11 min read
What is Leadership Training for Managers?
The fact is that managers who receive little to no leadership training and lack the skills they need to lead effectively are costly. Gallup estimates...
You’ve recently received a promotion to a people management role - congratulations! However, as you soon found, managing people requires different skills than what is needed to excel as an individual contributor. Anyone can take on a new title and delegate tasks, but there is much more to being an effective manager than that.
In fact, a 2022 State of the Manager Report uncovered the actual value of a great manager. It found that highly effective managers drive 48% greater profits for their companies than average managers. In addition, during the pandemic, teams with highly effective managers were 21% more likely to feel supported and 15% better than their peer teams in creating new communication norms and routines.
So this begs the question, how do you effectively manage people? Sometimes, the easiest way to understand how to be an effective manager is to first look at what not to do. By knowing and consciously working to avoid common pitfalls those in management can make, you will be taking the first step in becoming the leader your team needs. It will also help you self-assess the skills and develop areas you need to improve. Let’s jump in.
While hitting your goals and delivering on your accountabilities are incredibly important, if you only focus on business when managing people, it can have a detrimental effect on achieving your goals. With 82% of employees agreeing they want to be seen as a whole person by their leader, being only interested in the numbers will inevitably hurt engagement and motivation, reducing productivity and team performance.
When a manager lacks accountability and integrity, failing to follow through on their promises, it breeds resentment, reduces trust and respect, and sets an example for employees that it is acceptable to do the same.
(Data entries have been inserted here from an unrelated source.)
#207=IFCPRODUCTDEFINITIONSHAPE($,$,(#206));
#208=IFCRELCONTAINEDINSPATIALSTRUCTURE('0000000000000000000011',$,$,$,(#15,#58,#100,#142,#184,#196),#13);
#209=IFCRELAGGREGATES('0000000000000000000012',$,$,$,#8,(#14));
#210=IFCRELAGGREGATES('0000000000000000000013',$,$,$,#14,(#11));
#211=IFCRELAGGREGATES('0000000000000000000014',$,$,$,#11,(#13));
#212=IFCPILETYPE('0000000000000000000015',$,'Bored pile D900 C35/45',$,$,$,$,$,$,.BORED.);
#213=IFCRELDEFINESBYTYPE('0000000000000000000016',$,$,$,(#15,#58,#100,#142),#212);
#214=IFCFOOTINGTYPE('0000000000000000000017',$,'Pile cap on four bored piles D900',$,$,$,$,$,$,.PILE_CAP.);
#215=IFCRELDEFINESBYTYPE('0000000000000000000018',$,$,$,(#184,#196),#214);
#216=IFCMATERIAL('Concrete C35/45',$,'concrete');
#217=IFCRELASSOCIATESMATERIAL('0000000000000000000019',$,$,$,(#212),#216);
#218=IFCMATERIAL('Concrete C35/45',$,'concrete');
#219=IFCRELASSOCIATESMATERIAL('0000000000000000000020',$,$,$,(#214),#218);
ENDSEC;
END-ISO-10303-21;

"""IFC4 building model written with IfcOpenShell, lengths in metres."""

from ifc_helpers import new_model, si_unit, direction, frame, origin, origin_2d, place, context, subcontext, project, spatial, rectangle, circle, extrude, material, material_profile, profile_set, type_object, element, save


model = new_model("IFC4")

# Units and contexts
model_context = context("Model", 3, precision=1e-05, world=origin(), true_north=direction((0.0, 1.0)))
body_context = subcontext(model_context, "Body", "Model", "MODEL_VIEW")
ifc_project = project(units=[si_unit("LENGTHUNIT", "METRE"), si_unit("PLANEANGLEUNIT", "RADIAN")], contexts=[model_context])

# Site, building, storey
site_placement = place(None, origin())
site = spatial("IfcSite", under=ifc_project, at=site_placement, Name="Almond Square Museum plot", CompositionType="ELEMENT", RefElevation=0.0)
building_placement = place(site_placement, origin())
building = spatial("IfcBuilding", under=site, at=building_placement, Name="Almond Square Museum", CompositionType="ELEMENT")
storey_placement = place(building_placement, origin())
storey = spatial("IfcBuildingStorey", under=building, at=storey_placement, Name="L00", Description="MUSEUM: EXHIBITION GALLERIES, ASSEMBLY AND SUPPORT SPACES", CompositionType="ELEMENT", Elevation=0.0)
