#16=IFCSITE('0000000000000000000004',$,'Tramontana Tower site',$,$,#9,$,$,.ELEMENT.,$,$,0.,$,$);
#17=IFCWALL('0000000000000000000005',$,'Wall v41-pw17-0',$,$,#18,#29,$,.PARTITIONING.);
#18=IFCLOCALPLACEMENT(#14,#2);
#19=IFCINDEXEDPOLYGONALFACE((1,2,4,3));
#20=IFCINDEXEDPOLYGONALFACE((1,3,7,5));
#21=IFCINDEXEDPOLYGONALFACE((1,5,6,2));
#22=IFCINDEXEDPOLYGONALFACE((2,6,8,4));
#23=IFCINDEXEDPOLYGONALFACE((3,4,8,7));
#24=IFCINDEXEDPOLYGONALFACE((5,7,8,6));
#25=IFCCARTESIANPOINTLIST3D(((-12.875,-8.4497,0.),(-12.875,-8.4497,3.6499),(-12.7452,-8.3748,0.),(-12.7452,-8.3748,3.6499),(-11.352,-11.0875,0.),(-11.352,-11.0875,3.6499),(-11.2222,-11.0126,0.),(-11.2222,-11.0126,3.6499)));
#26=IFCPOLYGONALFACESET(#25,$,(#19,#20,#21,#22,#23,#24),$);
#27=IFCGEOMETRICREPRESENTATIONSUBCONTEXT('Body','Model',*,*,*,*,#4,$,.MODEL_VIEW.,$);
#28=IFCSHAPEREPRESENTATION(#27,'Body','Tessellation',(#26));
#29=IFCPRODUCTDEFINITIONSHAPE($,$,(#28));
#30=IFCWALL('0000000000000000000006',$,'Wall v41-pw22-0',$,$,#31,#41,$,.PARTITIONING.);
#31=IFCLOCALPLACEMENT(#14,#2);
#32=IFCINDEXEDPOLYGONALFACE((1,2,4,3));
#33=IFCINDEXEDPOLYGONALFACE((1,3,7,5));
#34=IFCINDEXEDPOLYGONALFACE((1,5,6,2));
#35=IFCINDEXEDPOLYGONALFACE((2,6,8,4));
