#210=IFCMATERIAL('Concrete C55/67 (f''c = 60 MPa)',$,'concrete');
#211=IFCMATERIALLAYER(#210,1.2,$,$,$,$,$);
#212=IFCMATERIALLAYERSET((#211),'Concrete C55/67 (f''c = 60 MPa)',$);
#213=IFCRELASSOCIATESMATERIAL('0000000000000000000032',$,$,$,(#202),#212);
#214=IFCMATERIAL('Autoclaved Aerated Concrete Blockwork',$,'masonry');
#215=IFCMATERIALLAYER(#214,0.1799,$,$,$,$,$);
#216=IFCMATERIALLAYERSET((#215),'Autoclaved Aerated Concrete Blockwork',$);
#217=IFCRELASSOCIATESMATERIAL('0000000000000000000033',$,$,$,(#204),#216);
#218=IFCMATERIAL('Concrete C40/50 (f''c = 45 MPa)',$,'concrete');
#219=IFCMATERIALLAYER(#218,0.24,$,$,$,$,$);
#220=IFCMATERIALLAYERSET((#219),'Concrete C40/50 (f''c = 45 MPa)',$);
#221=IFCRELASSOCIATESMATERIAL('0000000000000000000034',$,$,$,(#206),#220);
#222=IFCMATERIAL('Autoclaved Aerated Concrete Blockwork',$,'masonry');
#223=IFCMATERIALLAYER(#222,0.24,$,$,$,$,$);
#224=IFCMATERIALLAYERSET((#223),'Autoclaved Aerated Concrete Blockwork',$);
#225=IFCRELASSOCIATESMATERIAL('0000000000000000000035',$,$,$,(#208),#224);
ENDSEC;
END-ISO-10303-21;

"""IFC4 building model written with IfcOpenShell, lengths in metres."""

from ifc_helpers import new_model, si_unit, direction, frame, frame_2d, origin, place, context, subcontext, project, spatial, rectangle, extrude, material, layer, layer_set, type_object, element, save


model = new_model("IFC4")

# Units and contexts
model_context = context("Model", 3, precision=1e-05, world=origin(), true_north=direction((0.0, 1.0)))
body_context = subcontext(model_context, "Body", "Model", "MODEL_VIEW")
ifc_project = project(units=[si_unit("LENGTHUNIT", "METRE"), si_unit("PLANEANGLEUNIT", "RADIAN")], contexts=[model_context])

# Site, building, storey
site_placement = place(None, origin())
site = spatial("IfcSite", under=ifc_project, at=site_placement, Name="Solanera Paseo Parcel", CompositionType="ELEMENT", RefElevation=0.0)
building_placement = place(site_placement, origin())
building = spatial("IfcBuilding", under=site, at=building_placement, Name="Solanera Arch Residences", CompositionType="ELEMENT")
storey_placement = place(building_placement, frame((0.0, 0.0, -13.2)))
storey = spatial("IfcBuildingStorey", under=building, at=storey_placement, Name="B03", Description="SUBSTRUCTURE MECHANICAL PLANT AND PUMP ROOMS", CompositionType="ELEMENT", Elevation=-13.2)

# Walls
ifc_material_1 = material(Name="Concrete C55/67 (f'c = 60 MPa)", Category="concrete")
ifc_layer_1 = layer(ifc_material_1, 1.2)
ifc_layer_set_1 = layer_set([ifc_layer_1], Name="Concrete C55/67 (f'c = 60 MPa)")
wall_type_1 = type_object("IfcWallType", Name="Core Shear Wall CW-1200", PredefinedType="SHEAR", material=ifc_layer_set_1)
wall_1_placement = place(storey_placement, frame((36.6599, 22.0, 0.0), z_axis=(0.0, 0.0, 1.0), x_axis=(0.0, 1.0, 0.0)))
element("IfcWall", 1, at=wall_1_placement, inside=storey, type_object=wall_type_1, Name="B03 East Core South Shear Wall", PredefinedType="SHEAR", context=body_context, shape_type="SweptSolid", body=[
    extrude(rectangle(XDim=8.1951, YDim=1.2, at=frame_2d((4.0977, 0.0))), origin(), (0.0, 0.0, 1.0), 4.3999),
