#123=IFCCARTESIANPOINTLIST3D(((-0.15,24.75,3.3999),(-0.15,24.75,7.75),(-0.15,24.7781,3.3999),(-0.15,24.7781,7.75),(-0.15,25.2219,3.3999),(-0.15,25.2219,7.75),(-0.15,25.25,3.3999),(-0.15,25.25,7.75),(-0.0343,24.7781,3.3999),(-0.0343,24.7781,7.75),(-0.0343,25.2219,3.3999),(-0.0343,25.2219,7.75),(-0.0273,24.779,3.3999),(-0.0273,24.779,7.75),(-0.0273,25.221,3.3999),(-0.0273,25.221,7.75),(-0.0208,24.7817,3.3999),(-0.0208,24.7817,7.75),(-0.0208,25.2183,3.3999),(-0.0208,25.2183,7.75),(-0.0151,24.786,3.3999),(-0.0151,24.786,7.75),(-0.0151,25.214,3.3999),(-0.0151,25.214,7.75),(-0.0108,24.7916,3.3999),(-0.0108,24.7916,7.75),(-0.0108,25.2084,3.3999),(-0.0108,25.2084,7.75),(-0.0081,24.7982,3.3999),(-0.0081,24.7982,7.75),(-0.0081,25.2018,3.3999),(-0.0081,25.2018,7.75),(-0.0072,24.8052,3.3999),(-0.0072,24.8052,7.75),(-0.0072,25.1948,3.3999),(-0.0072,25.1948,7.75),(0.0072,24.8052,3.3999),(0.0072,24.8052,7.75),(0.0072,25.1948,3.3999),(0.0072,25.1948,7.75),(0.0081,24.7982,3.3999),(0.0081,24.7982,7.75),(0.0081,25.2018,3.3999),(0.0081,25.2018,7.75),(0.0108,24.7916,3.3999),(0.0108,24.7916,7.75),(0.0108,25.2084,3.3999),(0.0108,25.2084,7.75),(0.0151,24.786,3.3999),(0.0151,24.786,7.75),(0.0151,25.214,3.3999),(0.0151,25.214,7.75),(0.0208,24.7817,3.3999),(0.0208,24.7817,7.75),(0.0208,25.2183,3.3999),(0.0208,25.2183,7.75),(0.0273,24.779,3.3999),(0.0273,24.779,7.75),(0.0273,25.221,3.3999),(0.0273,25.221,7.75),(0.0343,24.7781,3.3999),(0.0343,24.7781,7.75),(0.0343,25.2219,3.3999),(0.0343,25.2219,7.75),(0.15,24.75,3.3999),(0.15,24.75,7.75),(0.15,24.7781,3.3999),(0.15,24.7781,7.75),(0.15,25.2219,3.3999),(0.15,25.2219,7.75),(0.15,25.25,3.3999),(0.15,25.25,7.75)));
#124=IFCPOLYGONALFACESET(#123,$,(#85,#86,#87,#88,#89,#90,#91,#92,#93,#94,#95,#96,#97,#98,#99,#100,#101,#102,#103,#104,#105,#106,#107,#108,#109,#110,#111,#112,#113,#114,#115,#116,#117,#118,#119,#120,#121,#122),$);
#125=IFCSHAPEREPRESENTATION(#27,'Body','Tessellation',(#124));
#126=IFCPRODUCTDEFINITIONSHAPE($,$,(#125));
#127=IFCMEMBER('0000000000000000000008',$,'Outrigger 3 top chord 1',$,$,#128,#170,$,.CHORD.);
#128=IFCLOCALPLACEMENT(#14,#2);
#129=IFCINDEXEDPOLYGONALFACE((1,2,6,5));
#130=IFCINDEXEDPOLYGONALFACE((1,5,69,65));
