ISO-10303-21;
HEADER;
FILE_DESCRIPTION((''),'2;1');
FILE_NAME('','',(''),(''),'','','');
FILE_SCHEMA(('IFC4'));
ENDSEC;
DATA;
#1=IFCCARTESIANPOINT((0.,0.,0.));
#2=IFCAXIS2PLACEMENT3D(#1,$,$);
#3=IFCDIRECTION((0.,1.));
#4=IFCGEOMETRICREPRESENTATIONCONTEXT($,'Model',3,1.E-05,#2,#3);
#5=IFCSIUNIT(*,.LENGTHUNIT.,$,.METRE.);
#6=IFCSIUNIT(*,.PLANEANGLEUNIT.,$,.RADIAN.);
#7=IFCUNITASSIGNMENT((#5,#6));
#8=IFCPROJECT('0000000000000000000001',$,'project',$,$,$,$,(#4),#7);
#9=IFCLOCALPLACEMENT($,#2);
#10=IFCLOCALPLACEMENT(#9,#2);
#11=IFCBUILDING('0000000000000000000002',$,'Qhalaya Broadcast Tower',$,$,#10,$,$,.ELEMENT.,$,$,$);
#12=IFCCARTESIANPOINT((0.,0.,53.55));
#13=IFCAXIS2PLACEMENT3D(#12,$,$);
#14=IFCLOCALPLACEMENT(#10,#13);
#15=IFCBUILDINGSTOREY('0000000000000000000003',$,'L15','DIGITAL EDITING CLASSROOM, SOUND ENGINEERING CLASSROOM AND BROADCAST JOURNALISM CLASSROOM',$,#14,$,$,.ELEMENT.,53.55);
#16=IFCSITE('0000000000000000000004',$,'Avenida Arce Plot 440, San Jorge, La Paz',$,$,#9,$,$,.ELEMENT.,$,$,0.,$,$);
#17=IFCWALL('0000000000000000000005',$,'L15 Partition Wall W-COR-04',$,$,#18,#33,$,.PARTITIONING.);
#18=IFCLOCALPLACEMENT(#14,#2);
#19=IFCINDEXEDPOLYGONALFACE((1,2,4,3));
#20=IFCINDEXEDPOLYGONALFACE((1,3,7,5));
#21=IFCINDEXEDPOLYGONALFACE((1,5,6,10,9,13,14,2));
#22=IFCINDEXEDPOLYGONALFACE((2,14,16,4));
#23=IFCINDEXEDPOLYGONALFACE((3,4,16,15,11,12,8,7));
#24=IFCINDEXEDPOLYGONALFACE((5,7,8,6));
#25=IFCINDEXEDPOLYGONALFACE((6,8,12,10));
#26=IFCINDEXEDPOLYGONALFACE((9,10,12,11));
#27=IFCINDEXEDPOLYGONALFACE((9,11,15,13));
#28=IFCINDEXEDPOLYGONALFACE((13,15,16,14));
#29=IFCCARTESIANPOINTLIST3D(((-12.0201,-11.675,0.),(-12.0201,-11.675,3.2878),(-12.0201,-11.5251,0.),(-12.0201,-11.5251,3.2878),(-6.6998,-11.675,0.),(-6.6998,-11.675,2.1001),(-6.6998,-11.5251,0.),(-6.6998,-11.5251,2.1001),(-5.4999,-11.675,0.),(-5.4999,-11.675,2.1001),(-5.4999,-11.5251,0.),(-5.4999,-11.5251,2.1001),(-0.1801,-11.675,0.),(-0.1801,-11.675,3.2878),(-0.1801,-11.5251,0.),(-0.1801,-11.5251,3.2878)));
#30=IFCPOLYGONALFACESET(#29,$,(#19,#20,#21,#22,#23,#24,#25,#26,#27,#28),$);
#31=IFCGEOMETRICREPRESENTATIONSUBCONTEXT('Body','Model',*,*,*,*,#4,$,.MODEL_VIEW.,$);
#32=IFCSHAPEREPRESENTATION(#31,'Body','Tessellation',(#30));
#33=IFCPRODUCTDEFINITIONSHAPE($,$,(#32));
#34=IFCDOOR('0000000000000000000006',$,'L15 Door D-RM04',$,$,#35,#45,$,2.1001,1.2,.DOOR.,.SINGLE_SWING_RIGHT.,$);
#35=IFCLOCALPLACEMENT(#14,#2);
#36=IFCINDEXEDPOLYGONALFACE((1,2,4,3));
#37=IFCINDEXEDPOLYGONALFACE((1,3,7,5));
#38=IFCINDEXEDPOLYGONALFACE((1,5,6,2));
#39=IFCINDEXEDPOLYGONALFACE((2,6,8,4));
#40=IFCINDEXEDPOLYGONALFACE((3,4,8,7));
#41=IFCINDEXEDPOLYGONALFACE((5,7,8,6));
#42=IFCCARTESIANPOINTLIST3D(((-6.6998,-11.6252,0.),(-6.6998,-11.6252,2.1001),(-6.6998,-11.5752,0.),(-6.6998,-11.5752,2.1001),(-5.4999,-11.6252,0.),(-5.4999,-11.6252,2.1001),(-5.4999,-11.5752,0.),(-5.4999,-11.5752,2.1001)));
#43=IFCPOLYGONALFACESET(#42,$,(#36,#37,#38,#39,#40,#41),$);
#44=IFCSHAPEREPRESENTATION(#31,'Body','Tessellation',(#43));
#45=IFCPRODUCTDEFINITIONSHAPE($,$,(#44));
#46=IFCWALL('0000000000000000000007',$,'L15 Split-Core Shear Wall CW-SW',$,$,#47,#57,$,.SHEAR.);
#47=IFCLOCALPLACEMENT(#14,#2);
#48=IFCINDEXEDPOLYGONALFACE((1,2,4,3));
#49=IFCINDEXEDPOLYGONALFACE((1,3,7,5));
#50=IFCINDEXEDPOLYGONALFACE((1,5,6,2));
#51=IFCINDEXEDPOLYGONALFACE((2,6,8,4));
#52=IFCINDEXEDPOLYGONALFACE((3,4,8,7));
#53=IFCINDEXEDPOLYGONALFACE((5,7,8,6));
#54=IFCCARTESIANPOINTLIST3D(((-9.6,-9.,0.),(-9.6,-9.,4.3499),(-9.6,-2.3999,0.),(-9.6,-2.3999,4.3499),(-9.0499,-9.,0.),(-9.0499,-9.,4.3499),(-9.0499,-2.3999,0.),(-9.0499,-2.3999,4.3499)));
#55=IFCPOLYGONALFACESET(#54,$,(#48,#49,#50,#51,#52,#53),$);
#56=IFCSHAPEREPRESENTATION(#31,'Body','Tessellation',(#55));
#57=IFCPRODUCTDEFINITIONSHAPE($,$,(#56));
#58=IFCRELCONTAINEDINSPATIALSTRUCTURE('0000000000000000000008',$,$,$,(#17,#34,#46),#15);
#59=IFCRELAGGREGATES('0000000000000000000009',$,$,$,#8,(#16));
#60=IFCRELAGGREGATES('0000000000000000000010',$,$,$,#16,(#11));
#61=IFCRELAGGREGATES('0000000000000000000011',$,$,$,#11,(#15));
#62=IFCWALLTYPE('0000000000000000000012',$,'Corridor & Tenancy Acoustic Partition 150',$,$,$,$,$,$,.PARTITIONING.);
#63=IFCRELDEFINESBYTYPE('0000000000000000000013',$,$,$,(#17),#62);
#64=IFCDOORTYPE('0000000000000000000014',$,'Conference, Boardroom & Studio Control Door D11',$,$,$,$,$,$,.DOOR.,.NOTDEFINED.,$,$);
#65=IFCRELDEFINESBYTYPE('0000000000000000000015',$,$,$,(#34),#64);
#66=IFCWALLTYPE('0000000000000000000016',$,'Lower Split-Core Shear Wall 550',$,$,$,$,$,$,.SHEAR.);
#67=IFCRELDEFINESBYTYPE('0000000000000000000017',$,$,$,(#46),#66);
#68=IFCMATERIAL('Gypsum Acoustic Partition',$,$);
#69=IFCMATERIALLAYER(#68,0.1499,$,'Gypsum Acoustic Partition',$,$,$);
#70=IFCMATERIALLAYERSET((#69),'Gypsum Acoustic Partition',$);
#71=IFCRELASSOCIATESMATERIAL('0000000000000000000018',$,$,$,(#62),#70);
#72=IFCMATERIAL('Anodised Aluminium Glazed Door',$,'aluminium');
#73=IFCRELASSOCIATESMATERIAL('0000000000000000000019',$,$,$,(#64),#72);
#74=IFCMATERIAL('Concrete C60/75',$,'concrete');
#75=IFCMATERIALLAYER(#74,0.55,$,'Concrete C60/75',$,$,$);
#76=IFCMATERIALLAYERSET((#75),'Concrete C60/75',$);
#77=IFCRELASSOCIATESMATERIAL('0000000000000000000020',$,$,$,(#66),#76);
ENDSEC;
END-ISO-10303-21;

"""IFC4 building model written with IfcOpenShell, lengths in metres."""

from ifc_helpers import new_model, si_unit, direction, frame, frame_2d, origin, place, context, subcontext, project, spatial, rectangle, extrude, material, layer, layer_set, type_object, element, fill, save


model = new_model("IFC4")

# Units and contexts
model_context = context("Model", 3, precision=1e-05, world=origin(), true_north=direction((0.0, 1.0)))
body_context = subcontext(model_context, "Body", "Model", "MODEL_VIEW")
ifc_project = project(units=[si_unit("LENGTHUNIT", "METRE"), si_unit("PLANEANGLEUNIT", "RADIAN")], contexts=[model_context])

# Site, building, storey
site_placement = place(None, origin())
site = spatial("IfcSite", under=ifc_project, at=site_placement, Name="Avenida Arce Plot 440, San Jorge, La Paz", CompositionType="ELEMENT", RefElevation=0.0)
building_placement = place(site_placement, origin())
building = spatial("IfcBuilding", under=site, at=building_placement, Name="Qhalaya Broadcast Tower", CompositionType="ELEMENT")
storey_placement = place(building_placement, frame((0.0, 0.0, 53.55)))
storey = spatial("IfcBuildingStorey", under=building, at=storey_placement, Name="L15", Description="DIGITAL EDITING CLASSROOM, SOUND ENGINEERING CLASSROOM AND BROADCAST JOURNALISM CLASSROOM", CompositionType="ELEMENT", Elevation=53.55)

# Wall, opening, door
ifc_material_1 = material(Name="Gypsum Acoustic Partition")
ifc_layer_1 = layer(ifc_material_1, 0.1499, Name="Gypsum Acoustic Partition")
ifc_layer_set_1 = layer_set([ifc_layer_1], Name="Gypsum Acoustic Partition")
wall_type_1 = type_object("IfcWallType", Name="Corridor & Tenancy Acoustic Partition 150", PredefinedType="PARTITIONING", material=ifc_layer_set_1)
wall_1_placement = place(storey_placement, frame((-12.02, -11.6001, 0.0), z_axis=(0.0, 0.0, 1.0), x_axis=(1.0, 0.0, 0.0)))
wall_1 = element("IfcWall", 1, at=wall_1_placement, inside=storey, type_object=wall_type_1, Name="L15 Partition Wall W-COR-04", PredefinedType="PARTITIONING", context=body_context, shape_type="SweptSolid", body=[
    extrude(rectangle(XDim=11.8401, YDim=0.1499, at=frame_2d((5.9199, 0.0))), origin(), (0.0, 0.0, 1.0), 3.2878),
])
opening_placement = place(wall_1_placement, frame((5.3201, 0.0, 0.0)))
opening = element("IfcOpeningElement", 2, at=opening_placement, cuts=wall_1, PredefinedType="OPENING", context=body_context, shape_type="SweptSolid", body=[
    extrude(rectangle(XDim=1.2, YDim=2.1001, at=frame_2d((0.6001, 1.05))), frame((0.0, 0.0869, 0.0), z_axis=(0.0, -1.0, 0.0), x_axis=(1.0, 0.0, 0.0)), (0.0, 0.0, 1.0), 0.1738),
])
ifc_material_2 = material(Name="Anodised Aluminium Glazed Door", Category="aluminium")
door_type = type_object("IfcDoorType", Name="Conference, Boardroom & Studio Control Door D11", OperationType="NOTDEFINED", PredefinedType="DOOR", material=ifc_material_2)
door_placement = place(opening_placement, origin())
door = element("IfcDoor", 3, at=door_placement, inside=storey, type_object=door_type, Name="L15 Door D-RM04", OperationType="SINGLE_SWING_RIGHT", OverallHeight=2.1001, OverallWidth=1.2, PredefinedType="DOOR", context=body_context, shape_type="SweptSolid", body=[
    extrude(rectangle(XDim=1.2, YDim=2.1001, at=frame_2d((0.6001, 1.05))), frame((0.0, 0.0249, 0.0), z_axis=(0.0, -1.0, 0.0), x_axis=(1.0, 0.0, 0.0)), (0.0, 0.0, 1.0), 0.05),
])
fill(opening, door)

# Wall
ifc_material_3 = material(Name="Concrete C60/75", Category="concrete")
ifc_layer_2 = layer(ifc_material_3, 0.55, Name="Concrete C60/75")
ifc_layer_set_2 = layer_set([ifc_layer_2], Name="Concrete C60/75")
wall_type_2 = type_object("IfcWallType", Name="Lower Split-Core Shear Wall 550", PredefinedType="SHEAR", material=ifc_layer_set_2)
wall_2_placement = place(storey_placement, frame((-9.325, -9.0, 0.0), z_axis=(0.0, 0.0, 1.0), x_axis=(0.0, 1.0, 0.0)))
element("IfcWall", 4, at=wall_2_placement, inside=storey, type_object=wall_type_2, Name="L15 Split-Core Shear Wall CW-SW", PredefinedType="SHEAR", context=body_context, shape_type="SweptSolid", body=[
    extrude(rectangle(XDim=6.6001, YDim=0.55, at=frame_2d((3.3, 0.0))), origin(), (0.0, 0.0, 1.0), 4.3499),
])

save(model, "model.ifc")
People managers won’t be effective if they don’t have personal accountability and definitely won’t be able to hold employees accountable either.
It’s a misconception that when you manage people, you must have all the answers because you’re the leader, the one they trust to navigate the path forward. However, effective managers understand the importance of transparency, vulnerability, and humility. Showing humility that you don’t have all the answers, and frankly, being unapologetically human has been found by the Journal of Management to lead to greater collaboration, team alignment, information sharing, and better decisions.
While no one enjoys confrontation and conflict, managers who do not confront employees' bad behavior on their team risk promoting a toxic work environment where these behaviors take root and become the team culture. In fact, it was found that 58% of people who left a job due to culture claimed their direct leader was the main reason they ultimately left; thus, the importance of stopping negative behaviors for the sake of the team culture cannot be underestimated.
Everyone who leads a group has a leadership style they naturally gravitate towards. However, not all situations require the same leadership style, and if you only use one style, you won’t be an effective manager. Being self-aware of your preferred style, when it is best used, and what other style may be better for the situation is critical to knowing how to manage people.
Quiet quitting or bare-minimum Monday are new terms referring to employees rejecting managers and organizations obsessed with productivity and chronically overworking their employees. Overworking has been shown to increase the likelihood of burnout and turnover and reduce engagement and productivity, making it a terrible way to manage people.
When you have a star performer on your team, it may be hard not to give them preferential treatment. However, to be an effective people manager that keeps their entire team engaged and motivated, you must be mindful of not demonstrating favoritism, which may be easier said than done. Unfortunately, it’s a real problem, with 47% of employees reporting that their supervisors had favorites, making favoritism at work a standard management issue most leaders need to overcome.
Poor communication skills can plague many managers, and one place it shows up is when a people leader dominates every conversation with their team members. A study that looked at leaders who do all the talking vs. leaders who prefer listening uncovered that leaders who were listeners were rated significantly more effective on 13 out of 16 critical leadership competencies than their talkative peers.
With goals to achieve and targets to hit, many managers unintentionally take on work they should be delegating. SHRM found the top reasons managers resist delegating as they believe that employees cannot do the job as well, it takes more time to delegate than do the work itself, and they lack trust in their employees. Yet, for employees to be engaged, productive, and motivated, they need a manager who believes in them, coaches and develops them, and trusts them, which all can be demonstrated by actually delegating work.
There is a phenomenon called “the power paradox” in the corporate world, where management promotions and new power dynamics change people. Dacher Keltner noted this in his HBR article, “While people usually gain power through traits and actions that advance the interests of others, such as empathy, collaboration, openness, fairness, and sharing; when they start to feel powerful or enjoy a position of privilege, those qualities begin to fade.”
He goes on to share that “Studies show that people in positions of corporate power are three times as likely as those at the lower rungs of the ladder to interrupt coworkers, multitask during meetings, raise their voices, and say insulting things at the office.” Given this, it is critical to be self-aware and put your ego in check.